• # question_answer 21) Rationalise the given statements and give chemical reactions. (i) Lead (II) chloride reacts with $C{{l}_{2}}$ to give$PbC{{l}_{4}}$. (ii) Lead (IV) chloride is highly unstable towards heat. (iii) Lead is known not to form an iodide, $Pb{{l}_{4}}$.

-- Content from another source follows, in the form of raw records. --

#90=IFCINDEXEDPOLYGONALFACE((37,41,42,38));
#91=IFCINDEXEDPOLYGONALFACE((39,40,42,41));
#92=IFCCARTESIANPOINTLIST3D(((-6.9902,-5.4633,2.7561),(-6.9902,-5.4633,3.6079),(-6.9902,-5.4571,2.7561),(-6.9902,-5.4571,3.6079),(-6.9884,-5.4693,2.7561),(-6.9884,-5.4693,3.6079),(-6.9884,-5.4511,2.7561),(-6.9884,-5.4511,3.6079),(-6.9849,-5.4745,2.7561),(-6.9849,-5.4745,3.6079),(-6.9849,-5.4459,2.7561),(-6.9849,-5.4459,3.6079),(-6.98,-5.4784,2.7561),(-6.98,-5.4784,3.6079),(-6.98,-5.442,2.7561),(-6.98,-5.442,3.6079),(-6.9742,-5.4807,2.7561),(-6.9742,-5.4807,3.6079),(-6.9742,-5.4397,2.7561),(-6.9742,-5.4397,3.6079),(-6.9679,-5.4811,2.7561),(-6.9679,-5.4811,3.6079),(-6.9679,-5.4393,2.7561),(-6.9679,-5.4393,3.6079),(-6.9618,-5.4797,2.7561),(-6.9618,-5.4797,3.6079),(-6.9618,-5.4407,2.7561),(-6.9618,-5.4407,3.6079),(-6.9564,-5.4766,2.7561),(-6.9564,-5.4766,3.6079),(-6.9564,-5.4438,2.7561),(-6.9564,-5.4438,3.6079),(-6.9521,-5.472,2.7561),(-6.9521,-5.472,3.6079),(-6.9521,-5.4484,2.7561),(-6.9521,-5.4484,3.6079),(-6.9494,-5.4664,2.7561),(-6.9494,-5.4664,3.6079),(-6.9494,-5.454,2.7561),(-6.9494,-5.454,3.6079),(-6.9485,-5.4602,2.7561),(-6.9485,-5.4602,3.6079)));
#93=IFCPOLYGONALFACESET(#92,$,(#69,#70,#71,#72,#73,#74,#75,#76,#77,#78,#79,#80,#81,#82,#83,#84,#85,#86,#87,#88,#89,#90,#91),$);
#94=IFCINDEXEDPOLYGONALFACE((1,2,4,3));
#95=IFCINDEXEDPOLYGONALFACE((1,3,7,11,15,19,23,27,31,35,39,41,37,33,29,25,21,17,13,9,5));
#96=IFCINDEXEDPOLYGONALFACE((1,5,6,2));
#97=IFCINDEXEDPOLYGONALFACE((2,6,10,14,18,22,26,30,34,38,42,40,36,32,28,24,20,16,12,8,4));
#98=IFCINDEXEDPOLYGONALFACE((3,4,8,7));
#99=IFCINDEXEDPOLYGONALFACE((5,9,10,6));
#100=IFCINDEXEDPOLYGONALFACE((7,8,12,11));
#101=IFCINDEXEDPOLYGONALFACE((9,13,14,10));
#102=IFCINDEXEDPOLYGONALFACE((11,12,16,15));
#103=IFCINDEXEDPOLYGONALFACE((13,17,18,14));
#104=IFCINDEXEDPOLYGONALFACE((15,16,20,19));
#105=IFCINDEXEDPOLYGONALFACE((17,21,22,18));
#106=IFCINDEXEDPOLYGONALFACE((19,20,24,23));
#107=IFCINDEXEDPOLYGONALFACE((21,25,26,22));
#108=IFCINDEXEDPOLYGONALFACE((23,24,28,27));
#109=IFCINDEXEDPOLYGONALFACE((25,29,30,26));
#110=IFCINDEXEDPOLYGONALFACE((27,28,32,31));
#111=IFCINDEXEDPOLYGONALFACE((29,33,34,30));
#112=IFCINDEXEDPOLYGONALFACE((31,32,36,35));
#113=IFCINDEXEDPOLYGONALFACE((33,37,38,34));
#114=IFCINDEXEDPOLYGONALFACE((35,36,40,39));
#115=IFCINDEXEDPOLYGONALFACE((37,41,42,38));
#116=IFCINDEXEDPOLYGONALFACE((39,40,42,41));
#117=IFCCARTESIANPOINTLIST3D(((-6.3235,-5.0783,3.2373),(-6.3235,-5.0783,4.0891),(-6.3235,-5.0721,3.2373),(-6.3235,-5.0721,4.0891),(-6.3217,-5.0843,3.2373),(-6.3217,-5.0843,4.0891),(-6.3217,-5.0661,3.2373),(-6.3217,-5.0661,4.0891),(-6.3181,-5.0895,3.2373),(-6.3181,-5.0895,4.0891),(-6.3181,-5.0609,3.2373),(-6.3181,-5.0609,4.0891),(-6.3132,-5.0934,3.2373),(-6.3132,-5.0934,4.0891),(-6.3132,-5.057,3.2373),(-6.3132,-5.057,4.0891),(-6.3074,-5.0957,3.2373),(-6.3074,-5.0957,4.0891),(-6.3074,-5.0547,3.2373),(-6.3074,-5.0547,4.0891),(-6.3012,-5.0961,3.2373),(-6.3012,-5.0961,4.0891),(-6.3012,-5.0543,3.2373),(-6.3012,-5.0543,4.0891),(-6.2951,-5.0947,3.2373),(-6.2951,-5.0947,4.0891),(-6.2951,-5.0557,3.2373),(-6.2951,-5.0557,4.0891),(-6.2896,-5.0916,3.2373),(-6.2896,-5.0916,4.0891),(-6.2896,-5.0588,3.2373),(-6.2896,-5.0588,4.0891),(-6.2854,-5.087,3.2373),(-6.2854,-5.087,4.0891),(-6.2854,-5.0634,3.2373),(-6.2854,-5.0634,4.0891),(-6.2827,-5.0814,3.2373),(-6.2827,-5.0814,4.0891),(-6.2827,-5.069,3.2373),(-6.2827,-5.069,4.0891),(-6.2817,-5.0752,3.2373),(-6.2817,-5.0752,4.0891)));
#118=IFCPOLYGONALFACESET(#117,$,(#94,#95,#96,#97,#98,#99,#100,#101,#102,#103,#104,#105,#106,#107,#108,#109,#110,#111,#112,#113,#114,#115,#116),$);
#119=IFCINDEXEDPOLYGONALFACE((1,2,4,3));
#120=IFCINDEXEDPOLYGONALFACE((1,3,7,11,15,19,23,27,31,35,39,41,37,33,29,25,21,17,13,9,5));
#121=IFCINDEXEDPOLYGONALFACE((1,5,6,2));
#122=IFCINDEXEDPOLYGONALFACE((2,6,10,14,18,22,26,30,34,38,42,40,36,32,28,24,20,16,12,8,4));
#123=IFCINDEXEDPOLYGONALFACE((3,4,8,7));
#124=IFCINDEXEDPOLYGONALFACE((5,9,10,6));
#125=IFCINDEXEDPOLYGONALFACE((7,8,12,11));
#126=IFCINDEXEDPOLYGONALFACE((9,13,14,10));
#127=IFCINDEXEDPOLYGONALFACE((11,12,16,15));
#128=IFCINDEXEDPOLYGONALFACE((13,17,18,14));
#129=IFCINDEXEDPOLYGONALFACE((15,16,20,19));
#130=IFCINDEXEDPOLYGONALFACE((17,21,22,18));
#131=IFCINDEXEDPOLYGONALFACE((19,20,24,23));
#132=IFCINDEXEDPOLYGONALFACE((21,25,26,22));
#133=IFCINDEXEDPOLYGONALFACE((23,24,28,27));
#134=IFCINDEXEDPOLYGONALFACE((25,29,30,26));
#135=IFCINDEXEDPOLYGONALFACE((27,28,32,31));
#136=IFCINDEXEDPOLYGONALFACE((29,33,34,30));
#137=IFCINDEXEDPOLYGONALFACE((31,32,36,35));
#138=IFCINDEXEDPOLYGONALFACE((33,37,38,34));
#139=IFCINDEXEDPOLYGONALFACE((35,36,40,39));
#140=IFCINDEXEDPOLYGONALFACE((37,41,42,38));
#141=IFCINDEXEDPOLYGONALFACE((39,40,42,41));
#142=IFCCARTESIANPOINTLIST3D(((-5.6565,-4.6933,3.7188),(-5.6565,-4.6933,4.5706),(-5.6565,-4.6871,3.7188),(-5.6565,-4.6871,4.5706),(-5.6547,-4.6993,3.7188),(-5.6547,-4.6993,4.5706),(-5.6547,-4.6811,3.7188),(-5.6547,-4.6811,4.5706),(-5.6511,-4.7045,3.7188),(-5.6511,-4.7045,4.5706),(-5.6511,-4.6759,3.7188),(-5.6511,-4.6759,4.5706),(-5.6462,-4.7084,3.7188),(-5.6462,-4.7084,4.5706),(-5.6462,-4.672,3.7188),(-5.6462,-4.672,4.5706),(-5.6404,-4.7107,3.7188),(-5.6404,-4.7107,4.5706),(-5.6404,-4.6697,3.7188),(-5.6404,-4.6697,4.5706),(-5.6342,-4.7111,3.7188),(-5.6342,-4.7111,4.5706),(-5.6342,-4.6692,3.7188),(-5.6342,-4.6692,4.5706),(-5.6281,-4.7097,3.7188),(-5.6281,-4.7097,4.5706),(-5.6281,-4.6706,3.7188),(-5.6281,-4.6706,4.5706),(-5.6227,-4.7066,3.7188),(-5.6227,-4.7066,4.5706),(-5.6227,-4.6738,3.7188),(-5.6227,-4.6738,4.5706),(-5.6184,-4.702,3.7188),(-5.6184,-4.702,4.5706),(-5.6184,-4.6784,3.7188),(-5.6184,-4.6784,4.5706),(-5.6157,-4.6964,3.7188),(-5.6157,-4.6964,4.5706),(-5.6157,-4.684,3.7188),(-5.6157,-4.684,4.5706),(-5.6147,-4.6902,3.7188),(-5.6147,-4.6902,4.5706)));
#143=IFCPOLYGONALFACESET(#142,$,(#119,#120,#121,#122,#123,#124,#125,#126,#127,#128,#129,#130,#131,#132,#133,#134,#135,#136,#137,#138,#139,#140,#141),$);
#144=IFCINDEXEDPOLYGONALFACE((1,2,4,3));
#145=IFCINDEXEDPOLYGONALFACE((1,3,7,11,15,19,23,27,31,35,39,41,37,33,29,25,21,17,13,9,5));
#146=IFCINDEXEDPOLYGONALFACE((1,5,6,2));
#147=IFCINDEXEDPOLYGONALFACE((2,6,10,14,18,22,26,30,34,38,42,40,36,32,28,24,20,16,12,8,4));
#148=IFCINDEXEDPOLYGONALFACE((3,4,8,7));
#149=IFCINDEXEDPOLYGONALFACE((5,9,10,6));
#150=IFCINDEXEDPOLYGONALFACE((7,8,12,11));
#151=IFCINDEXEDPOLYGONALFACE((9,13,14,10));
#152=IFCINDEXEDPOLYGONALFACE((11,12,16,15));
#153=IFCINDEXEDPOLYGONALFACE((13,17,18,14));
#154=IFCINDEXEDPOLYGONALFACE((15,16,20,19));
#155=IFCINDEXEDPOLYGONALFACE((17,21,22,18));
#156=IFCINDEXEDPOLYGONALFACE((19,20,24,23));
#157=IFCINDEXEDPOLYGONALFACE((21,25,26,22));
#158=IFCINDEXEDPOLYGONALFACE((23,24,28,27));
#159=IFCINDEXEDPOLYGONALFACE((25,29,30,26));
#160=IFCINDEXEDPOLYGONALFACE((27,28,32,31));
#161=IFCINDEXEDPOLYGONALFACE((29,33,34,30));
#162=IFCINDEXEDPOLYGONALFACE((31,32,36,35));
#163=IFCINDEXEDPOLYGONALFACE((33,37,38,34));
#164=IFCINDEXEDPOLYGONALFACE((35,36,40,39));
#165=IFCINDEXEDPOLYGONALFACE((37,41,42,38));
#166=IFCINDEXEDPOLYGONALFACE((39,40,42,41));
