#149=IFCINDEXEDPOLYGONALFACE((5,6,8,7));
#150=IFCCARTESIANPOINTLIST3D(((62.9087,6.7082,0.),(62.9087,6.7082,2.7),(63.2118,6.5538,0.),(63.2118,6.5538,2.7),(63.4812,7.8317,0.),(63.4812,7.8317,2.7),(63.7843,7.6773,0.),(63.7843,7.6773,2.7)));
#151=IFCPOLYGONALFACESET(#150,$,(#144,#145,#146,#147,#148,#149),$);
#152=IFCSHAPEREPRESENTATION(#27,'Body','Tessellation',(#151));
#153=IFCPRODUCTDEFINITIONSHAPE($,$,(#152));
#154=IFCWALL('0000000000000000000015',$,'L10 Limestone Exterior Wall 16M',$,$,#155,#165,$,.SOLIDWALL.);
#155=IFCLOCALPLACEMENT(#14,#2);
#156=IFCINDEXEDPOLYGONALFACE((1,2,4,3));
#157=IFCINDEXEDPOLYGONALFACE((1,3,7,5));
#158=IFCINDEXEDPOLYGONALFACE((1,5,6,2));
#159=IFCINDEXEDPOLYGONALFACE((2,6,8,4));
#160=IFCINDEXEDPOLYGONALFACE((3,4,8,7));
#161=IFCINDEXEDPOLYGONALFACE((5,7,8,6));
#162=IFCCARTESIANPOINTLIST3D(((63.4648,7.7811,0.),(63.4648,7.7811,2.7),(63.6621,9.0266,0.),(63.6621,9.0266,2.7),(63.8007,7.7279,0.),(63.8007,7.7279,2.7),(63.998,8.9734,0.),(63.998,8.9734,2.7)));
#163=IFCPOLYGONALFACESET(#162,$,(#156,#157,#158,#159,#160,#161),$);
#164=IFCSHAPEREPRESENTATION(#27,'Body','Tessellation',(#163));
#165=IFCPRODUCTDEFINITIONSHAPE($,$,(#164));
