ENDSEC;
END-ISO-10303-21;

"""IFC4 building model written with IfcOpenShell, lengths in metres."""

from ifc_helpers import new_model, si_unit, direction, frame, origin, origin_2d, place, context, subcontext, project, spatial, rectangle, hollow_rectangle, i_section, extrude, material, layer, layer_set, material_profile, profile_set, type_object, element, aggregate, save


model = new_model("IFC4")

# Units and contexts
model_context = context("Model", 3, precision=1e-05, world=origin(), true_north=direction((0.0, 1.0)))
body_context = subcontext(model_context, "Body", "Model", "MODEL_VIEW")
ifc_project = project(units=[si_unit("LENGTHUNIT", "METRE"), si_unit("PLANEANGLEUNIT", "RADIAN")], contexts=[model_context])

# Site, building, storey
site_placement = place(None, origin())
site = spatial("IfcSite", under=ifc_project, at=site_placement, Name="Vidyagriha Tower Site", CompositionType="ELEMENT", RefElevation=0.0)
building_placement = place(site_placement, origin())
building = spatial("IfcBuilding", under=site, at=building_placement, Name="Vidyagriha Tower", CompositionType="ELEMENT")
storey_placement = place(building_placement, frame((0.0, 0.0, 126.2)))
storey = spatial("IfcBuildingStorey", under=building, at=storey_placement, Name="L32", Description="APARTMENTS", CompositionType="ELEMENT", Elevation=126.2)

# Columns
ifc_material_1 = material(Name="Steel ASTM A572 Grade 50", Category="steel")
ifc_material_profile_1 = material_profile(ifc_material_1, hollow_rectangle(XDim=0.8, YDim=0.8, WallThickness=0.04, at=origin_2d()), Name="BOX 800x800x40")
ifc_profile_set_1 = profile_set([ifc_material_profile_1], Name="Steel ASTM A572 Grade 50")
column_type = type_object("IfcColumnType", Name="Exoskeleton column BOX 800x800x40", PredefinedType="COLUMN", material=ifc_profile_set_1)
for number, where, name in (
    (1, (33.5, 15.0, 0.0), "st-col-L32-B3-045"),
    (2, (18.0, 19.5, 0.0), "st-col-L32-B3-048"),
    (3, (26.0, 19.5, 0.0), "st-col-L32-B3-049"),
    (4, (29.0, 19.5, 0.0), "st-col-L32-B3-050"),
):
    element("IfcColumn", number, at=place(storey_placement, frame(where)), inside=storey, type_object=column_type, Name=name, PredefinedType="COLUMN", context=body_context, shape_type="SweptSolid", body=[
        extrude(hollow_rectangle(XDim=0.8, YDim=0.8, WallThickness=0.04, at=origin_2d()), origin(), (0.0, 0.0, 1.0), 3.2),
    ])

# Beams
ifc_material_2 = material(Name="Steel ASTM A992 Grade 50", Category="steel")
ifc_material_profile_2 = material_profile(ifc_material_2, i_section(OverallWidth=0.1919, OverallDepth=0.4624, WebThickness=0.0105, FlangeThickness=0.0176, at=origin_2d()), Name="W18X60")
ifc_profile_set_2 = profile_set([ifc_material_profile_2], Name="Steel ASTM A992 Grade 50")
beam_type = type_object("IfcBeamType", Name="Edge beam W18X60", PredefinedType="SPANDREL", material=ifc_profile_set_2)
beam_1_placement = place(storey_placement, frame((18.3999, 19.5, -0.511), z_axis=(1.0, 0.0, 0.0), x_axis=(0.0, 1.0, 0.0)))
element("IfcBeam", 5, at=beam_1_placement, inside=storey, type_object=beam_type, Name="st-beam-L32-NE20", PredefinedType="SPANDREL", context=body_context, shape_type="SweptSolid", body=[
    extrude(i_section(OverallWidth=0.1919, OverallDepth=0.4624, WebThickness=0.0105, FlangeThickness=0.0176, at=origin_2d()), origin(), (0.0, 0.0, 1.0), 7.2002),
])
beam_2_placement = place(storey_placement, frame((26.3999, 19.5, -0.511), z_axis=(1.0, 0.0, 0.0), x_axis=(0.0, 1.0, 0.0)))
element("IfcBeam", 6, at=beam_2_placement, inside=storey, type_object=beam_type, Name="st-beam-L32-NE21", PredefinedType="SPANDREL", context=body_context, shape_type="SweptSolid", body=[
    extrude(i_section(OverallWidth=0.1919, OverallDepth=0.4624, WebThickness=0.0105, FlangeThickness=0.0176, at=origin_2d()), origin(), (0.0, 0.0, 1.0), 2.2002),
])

(i) On account of inert pair effect, $PbC{{l}_{2}}$ is more stable than$PbC{{l}_{4}}$. Thus, $PbC{{l}_{2}}$ does not react with chlorine to form$Pb{{I}_{4}}$. (ii) On account of greater stability of +2 state over +4 state, $PbC{{l}_{4}}$decomposes on heating into$PbC{{I}_{2}}$. $PbC{{l}_{4}}\xrightarrow{Heat}PbC{{l}_{2}}+C{{l}_{2}}$ (iii) As $P{{b}^{4+}}$ is an oxidising agent while ${{I}^{-}}$ ion is a reducing agent, the formation of $Pb{{I}_{4}}$ is not possible. $P{{b}^{4+}}+4{{I}^{-}}\to Pb{{I}_{2}}+{{I}_{2}}$ Thus, $Pb{{I}_{4}}$ does not exist.